Comment Re:Note that it's against the rules (Score 1) 164

Only in theory. In practice, they'll reverse your edits if you're anonymous.

"They" will revert vandalism and other inappropriate edits regardless of whether you are logged in or not. Likewise "they" often keep good edits from editors who are not logged in. Feel free to provide links here to reasonable edits (as diffs) that were reverted just because you were "anonymous", and I'll probably be able to tell you exactly why they were reverted. (Disclosure: I am a frequent editor of Wikipedia - registered with a different name there to what I use here.)

Comment Re:Seriously (Score 1) 179

.... A share of stock is ownership in a company, making a bet that the value of the company will increase - over the long term - faster than inflation will.

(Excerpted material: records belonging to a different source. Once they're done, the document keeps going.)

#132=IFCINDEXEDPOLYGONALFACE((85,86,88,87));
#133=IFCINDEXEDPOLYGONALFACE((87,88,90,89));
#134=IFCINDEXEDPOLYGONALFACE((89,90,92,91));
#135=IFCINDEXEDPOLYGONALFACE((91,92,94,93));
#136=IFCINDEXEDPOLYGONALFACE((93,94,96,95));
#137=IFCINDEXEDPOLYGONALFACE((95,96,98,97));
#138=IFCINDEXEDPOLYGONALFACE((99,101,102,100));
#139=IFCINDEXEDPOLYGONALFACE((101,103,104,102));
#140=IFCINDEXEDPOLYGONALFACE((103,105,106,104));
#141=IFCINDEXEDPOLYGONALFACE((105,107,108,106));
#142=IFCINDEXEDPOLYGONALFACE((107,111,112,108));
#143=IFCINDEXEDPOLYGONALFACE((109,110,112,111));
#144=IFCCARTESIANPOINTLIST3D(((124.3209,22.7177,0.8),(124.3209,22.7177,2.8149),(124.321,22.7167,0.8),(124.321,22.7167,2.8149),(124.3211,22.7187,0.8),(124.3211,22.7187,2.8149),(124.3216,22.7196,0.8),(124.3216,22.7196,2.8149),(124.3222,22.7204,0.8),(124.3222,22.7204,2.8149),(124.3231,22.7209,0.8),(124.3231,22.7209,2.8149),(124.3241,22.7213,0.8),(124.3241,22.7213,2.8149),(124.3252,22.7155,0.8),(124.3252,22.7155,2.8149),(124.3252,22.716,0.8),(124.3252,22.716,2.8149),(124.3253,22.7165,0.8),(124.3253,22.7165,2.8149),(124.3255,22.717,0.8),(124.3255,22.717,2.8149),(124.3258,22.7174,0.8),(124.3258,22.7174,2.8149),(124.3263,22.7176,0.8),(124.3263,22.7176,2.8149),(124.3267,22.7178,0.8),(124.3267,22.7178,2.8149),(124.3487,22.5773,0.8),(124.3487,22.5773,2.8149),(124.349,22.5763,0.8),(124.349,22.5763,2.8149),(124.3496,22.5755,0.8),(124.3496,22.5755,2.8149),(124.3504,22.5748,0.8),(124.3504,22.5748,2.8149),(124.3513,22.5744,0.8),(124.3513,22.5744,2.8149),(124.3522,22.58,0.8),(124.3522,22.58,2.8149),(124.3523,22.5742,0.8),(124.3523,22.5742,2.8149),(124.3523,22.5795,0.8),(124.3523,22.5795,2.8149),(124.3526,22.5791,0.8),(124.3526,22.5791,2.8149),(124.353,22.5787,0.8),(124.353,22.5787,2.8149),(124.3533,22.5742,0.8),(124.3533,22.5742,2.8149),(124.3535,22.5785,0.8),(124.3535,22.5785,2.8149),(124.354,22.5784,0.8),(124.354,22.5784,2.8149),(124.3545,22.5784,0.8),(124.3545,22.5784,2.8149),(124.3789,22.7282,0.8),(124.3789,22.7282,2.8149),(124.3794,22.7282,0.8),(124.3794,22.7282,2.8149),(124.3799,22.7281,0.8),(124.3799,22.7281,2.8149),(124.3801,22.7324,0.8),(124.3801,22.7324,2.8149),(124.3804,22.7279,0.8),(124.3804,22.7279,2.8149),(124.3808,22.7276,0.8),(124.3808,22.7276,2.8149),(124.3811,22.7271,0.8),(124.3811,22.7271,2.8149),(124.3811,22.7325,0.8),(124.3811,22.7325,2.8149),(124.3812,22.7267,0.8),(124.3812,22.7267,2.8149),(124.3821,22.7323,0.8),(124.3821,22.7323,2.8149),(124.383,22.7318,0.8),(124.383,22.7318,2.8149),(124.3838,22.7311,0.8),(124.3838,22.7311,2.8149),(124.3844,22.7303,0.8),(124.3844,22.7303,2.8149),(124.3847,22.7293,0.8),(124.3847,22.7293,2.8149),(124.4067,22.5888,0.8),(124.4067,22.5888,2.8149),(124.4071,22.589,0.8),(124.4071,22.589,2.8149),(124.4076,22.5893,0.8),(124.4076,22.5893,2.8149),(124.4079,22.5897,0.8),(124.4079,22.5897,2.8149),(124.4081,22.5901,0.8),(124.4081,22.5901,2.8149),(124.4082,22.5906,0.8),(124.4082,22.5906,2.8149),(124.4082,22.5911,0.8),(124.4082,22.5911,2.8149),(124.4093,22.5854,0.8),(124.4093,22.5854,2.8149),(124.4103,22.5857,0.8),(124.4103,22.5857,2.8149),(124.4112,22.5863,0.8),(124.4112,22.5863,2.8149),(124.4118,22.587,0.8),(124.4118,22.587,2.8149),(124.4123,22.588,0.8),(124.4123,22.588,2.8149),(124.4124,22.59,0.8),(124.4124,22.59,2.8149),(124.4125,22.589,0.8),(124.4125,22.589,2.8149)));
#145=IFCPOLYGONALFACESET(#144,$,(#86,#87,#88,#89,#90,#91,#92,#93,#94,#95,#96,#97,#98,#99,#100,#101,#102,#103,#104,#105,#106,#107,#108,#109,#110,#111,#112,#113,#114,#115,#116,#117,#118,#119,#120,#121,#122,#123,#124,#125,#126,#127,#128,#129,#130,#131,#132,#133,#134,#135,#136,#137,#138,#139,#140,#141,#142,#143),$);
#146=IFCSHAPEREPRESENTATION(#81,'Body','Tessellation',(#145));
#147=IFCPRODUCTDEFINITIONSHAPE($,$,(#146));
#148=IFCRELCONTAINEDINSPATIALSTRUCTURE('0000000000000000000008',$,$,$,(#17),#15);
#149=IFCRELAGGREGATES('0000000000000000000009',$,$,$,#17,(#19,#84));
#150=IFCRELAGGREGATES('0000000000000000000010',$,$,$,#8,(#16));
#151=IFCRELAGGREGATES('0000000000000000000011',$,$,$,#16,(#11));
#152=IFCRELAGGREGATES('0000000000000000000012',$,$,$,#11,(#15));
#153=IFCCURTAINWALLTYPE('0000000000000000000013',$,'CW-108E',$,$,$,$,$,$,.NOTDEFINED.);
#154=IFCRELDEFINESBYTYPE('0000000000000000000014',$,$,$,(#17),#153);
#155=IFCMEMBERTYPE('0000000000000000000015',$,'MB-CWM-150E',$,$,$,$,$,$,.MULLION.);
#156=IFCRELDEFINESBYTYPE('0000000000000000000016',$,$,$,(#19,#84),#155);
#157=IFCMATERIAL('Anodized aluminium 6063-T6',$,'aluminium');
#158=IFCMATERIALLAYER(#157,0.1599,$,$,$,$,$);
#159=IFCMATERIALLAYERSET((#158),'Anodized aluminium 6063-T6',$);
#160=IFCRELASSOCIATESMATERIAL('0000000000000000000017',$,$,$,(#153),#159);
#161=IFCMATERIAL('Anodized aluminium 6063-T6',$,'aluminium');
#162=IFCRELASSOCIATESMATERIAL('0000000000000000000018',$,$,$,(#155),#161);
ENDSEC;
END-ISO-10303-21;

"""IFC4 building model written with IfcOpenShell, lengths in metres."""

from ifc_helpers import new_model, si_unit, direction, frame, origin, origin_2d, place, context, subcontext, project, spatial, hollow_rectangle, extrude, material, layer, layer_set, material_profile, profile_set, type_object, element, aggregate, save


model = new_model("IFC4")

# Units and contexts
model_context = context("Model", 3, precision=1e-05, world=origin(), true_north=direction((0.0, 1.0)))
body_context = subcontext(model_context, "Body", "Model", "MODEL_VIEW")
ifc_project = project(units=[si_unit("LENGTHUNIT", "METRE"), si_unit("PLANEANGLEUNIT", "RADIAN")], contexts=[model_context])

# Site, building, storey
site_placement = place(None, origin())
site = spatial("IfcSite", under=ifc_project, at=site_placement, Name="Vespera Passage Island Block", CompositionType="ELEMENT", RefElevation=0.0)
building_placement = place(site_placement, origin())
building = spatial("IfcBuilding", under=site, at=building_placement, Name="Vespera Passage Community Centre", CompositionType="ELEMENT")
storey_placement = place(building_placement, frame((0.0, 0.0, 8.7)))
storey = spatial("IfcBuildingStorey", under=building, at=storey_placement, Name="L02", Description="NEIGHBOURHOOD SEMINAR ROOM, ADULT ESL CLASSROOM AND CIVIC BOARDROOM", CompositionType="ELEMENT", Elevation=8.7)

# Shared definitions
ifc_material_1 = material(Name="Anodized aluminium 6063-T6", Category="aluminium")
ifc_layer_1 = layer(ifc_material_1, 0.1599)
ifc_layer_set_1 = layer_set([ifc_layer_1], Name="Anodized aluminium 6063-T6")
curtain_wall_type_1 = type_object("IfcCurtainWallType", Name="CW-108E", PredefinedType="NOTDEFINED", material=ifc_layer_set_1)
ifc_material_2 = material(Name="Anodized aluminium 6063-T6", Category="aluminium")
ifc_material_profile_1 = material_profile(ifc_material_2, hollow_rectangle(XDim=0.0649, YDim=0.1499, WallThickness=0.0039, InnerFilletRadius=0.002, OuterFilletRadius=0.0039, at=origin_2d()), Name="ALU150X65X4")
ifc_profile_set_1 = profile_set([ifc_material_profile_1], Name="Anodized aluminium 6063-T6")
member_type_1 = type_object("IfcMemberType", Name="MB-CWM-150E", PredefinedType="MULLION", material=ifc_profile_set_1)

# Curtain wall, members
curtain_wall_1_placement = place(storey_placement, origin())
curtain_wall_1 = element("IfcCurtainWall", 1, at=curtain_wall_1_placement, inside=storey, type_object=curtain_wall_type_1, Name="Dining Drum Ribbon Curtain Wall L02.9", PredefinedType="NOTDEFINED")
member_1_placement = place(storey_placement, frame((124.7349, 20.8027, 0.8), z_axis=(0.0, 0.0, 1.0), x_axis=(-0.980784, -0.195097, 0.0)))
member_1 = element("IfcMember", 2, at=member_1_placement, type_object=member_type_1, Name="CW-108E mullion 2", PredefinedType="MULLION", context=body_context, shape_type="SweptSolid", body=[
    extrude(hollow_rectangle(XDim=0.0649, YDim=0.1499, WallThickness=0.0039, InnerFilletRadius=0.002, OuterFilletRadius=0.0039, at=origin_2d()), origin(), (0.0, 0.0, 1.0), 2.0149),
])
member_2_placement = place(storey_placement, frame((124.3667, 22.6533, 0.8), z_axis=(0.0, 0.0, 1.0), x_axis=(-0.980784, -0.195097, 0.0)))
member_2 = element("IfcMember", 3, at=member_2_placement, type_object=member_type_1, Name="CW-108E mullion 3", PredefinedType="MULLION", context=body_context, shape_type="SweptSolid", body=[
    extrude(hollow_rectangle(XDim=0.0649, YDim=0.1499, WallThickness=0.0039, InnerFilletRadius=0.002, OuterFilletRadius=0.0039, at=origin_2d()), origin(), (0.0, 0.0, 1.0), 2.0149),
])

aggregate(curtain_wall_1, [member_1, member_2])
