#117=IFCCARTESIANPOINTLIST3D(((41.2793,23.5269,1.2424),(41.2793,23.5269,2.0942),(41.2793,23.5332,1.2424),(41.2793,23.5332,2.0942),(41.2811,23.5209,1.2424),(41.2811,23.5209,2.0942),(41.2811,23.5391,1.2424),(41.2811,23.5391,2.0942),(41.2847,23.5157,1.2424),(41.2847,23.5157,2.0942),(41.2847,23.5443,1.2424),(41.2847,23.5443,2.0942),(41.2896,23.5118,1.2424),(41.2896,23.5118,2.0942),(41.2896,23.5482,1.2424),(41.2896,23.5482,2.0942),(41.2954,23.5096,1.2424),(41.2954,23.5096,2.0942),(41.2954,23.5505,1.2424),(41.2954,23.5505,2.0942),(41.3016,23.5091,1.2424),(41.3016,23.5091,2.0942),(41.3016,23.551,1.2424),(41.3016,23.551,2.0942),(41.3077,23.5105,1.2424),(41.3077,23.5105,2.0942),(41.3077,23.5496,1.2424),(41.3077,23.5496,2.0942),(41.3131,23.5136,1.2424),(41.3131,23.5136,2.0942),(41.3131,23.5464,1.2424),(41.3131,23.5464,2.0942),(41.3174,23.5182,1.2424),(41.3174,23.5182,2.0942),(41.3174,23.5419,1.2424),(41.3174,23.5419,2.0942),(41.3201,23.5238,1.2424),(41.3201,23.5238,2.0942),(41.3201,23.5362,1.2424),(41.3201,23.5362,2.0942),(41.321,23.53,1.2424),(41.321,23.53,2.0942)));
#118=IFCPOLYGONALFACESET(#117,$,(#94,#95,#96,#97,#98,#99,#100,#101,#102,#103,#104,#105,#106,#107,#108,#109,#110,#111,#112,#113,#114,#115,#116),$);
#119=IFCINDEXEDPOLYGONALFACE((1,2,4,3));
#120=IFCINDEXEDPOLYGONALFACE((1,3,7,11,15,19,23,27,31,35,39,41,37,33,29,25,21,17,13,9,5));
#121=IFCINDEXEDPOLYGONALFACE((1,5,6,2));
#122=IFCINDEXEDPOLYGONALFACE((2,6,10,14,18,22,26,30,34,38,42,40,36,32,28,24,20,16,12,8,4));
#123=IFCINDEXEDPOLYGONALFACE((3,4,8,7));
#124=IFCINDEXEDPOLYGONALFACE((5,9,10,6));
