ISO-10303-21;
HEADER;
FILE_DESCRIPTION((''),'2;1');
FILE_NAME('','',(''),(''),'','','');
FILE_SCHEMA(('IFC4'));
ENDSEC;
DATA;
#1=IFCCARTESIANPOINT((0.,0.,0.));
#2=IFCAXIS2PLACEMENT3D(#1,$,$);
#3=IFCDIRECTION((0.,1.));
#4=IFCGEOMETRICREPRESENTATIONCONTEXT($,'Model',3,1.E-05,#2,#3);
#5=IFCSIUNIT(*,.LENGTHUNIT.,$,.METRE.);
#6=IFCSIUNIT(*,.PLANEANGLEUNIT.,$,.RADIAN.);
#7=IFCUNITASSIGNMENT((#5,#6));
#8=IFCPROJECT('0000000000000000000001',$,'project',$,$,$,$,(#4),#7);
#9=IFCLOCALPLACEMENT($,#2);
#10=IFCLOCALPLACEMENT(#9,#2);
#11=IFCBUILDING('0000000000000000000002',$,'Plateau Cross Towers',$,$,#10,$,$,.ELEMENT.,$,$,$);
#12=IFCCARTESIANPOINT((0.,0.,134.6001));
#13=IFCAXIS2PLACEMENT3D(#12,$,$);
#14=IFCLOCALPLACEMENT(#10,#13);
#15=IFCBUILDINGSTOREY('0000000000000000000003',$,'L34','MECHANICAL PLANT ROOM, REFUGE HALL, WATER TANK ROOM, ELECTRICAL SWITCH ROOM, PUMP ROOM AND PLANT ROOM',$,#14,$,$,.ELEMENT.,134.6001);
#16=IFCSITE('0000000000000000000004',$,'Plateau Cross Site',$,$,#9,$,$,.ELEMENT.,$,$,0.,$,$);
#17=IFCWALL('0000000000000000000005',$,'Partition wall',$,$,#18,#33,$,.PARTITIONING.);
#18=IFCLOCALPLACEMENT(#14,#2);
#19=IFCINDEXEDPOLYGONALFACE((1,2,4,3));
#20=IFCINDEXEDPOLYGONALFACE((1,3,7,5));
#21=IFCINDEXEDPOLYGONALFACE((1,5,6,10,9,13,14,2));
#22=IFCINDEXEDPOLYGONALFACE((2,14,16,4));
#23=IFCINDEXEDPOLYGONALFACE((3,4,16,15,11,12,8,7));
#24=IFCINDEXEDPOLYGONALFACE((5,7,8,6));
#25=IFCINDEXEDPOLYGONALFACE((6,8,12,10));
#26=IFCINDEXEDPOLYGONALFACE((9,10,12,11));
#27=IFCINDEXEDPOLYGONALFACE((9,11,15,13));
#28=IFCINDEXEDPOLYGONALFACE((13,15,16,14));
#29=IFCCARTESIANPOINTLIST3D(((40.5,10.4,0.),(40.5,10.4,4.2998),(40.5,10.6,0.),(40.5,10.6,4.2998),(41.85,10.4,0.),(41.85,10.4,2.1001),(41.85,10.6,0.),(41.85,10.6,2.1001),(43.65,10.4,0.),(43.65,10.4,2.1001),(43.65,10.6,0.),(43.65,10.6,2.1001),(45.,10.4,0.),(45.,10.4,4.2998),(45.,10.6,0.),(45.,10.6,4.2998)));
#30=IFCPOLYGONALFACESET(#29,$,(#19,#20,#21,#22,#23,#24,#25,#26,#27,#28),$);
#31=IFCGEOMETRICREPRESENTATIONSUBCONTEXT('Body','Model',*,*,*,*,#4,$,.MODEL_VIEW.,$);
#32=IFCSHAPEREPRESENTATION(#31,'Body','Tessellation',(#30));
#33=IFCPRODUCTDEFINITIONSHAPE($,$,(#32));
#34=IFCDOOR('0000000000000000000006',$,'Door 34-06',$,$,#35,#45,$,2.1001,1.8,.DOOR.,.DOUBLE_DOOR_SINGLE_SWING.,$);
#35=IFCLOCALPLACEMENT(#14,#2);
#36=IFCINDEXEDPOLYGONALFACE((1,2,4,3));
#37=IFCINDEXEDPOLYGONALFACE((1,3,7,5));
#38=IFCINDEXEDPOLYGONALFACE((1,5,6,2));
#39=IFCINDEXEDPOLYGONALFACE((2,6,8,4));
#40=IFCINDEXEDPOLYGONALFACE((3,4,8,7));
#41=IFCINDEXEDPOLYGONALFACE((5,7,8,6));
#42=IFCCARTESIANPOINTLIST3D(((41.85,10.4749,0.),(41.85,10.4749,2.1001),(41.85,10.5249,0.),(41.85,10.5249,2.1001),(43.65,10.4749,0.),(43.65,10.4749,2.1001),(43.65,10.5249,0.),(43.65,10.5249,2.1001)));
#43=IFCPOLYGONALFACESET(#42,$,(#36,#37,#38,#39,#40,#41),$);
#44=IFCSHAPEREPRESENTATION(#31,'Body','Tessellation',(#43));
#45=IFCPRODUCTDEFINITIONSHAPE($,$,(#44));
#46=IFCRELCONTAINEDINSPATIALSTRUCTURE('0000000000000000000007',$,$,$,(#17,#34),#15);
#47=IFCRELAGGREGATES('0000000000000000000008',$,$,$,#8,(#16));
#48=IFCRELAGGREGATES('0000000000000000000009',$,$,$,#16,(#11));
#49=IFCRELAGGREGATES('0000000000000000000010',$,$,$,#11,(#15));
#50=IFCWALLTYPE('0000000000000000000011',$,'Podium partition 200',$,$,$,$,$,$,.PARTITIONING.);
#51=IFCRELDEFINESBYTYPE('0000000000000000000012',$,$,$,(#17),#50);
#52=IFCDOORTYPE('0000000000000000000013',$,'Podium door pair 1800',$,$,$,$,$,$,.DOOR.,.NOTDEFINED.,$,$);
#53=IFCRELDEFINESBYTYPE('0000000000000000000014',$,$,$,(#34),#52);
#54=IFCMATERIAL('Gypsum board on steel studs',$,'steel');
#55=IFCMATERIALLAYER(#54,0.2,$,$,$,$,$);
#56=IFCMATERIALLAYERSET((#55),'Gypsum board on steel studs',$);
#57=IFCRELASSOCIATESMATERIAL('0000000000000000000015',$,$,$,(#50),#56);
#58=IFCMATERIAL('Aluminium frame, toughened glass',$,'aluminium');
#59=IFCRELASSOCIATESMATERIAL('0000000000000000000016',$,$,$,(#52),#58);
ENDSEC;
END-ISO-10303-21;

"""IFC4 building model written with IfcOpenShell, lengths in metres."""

from ifc_helpers import new_model, si_unit, direction, frame, frame_2d, origin, place, context, subcontext, project, spatial, rectangle, extrude, material, layer, layer_set, type_object, element, fill, save


model = new_model("IFC4")

# Units and contexts
model_context = context("Model", 3, precision=1e-05, world=origin(), true_north=direction((0.0, 1.0)))
body_context = subcontext(model_context, "Body", "Model", "MODEL_VIEW")
ifc_project = project(units=[si_unit("LENGTHUNIT", "METRE"), si_unit("PLANEANGLEUNIT", "RADIAN")], contexts=[model_context])

# Site, building, storey
site_placement = place(None, origin())
site = spatial("IfcSite", under=ifc_project, at=site_placement, Name="Plateau Cross Site", CompositionType="ELEMENT", RefElevation=0.0)
building_placement = place(site_placement, origin())
building = spatial("IfcBuilding", under=site, at=building_placement, Name="Plateau Cross Towers", CompositionType="ELEMENT")
storey_placement = place(building_placement, frame((0.0, 0.0, 134.6001)))
storey = spatial("IfcBuildingStorey", under=building, at=storey_placement, Name="L34", Description="MECHANICAL PLANT ROOM, REFUGE HALL, WATER TANK ROOM, ELECTRICAL SWITCH ROOM, PUMP ROOM AND PLANT ROOM", CompositionType="ELEMENT", Elevation=134.6001)

# Wall, opening, door
ifc_material_1 = material(Name="Gypsum board on steel studs", Category="steel")
ifc_layer_1 = layer(ifc_material_1, 0.2)
ifc_layer_set_1 = layer_set([ifc_layer_1], Name="Gypsum board on steel studs")
wall_type_1 = type_object("IfcWallType", Name="Podium partition 200", PredefinedType="PARTITIONING", material=ifc_layer_set_1)
wall_1_placement = place(storey_placement, frame((40.5, 10.5, 0.0), z_axis=(0.0, 0.0, 1.0), x_axis=(1.0, 0.0, 0.0)))
wall_1 = element("IfcWall", 1, at=wall_1_placement, inside=storey, type_object=wall_type_1, Name="Partition wall", PredefinedType="PARTITIONING", context=body_context, shape_type="SweptSolid", body=[
    extrude(rectangle(XDim=4.5, YDim=0.2, at=frame_2d((2.25, 0.0))), origin(), (0.0, 0.0, 1.0), 4.2998),
])
opening_1_placement = place(wall_1_placement, frame((1.3501, 0.0, 0.0)))
opening_1 = element("IfcOpeningElement", 2, at=opening_1_placement, cuts=wall_1, PredefinedType="OPENING", context=body_context, shape_type="SweptSolid", body=[
    extrude(rectangle(XDim=1.8, YDim=2.1001, at=frame_2d((0.8999, 1.05))), frame((0.0, 0.1099, 0.0), z_axis=(0.0, -1.0, 0.0), x_axis=(1.0, 0.0, 0.0)), (0.0, 0.0, 1.0), 0.22),
])
ifc_material_2 = material(Name="Aluminium frame, toughened glass", Category="aluminium")
door_type_1 = type_object("IfcDoorType", Name="Podium door pair 1800", OperationType="NOTDEFINED", PredefinedType="DOOR", material=ifc_material_2)
door_1_placement = place(opening_1_placement, origin())
door_1 = element("IfcDoor", 3, at=door_1_placement, inside=storey, type_object=door_type_1, Name="Door 34-06", OperationType="DOUBLE_DOOR_SINGLE_SWING", OverallHeight=2.1001, OverallWidth=1.8, PredefinedType="DOOR", context=body_context, shape_type="SweptSolid", body=[
    extrude(rectangle(XDim=1.8, YDim=2.1001, at=frame_2d((0.8999, 1.05))), frame((0.0, 0.0249, 0.0), z_axis=(0.0, -1.0, 0.0), x_axis=(1.0, 0.0, 0.0)), (0.0, 0.0, 1.0), 0.05),
])
fill(opening_1, door_1)

save(model, "model.ifc")
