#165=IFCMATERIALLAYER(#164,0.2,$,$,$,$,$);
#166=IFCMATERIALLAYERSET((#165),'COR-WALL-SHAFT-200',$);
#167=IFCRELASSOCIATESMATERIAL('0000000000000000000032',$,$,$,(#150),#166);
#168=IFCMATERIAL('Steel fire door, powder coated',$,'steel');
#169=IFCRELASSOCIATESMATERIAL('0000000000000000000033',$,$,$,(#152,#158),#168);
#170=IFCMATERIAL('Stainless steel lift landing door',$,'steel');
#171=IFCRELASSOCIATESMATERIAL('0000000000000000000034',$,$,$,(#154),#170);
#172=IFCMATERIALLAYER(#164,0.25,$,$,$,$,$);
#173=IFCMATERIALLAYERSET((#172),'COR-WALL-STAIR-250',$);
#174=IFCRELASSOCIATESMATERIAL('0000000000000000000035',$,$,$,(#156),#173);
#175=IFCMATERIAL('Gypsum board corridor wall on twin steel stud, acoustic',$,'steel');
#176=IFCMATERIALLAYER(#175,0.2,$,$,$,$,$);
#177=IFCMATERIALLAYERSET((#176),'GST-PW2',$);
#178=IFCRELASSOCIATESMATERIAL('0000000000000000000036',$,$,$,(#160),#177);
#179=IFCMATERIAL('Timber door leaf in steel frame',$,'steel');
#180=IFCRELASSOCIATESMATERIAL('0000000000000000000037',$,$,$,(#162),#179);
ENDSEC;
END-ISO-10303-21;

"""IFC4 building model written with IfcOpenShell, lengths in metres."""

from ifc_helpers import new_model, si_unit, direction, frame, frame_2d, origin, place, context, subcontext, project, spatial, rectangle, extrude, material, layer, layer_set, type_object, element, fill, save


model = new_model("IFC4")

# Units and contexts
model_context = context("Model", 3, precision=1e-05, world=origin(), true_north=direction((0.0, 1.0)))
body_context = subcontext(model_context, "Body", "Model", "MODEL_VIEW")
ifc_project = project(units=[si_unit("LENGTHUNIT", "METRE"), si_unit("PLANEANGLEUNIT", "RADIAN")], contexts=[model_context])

Remember the good old days when a share of stock was ownership in a company, making a bet that the company would make a profit and pay a dividend ...

Comment Retroactive law (Score 1) 622

I'll presume that you're a troll but you drag out the age old "If you've got nothing to hide... argument" Here are a couple of issues with this argument. 1. Retroactive violation of new laws: Let's imagine that you're a smoker and that you smoke in your house. The government could pass a law saying "Smoking is not allowed inside any building. Anyone caught must pay a $500 fine." They can now either go back and look at their surveillance data and retroactively charge you for smoking in your house in the past

The problem there is not the surveillance, it's the retroactive law. It's fundamentally wrong that I can do something legal today, and then tomorrow the law might change retroactively so that I can be prosecuted for doing something that was legal at the time that I did it. It's irrelevant whether the evidence is from surveillance (covert or otherwise) or from witnesses who saw me (in public or in private), or by my own admission. If I can't travel back in time to change my behaviour, nobody should be able to change the legality of my past behaviour.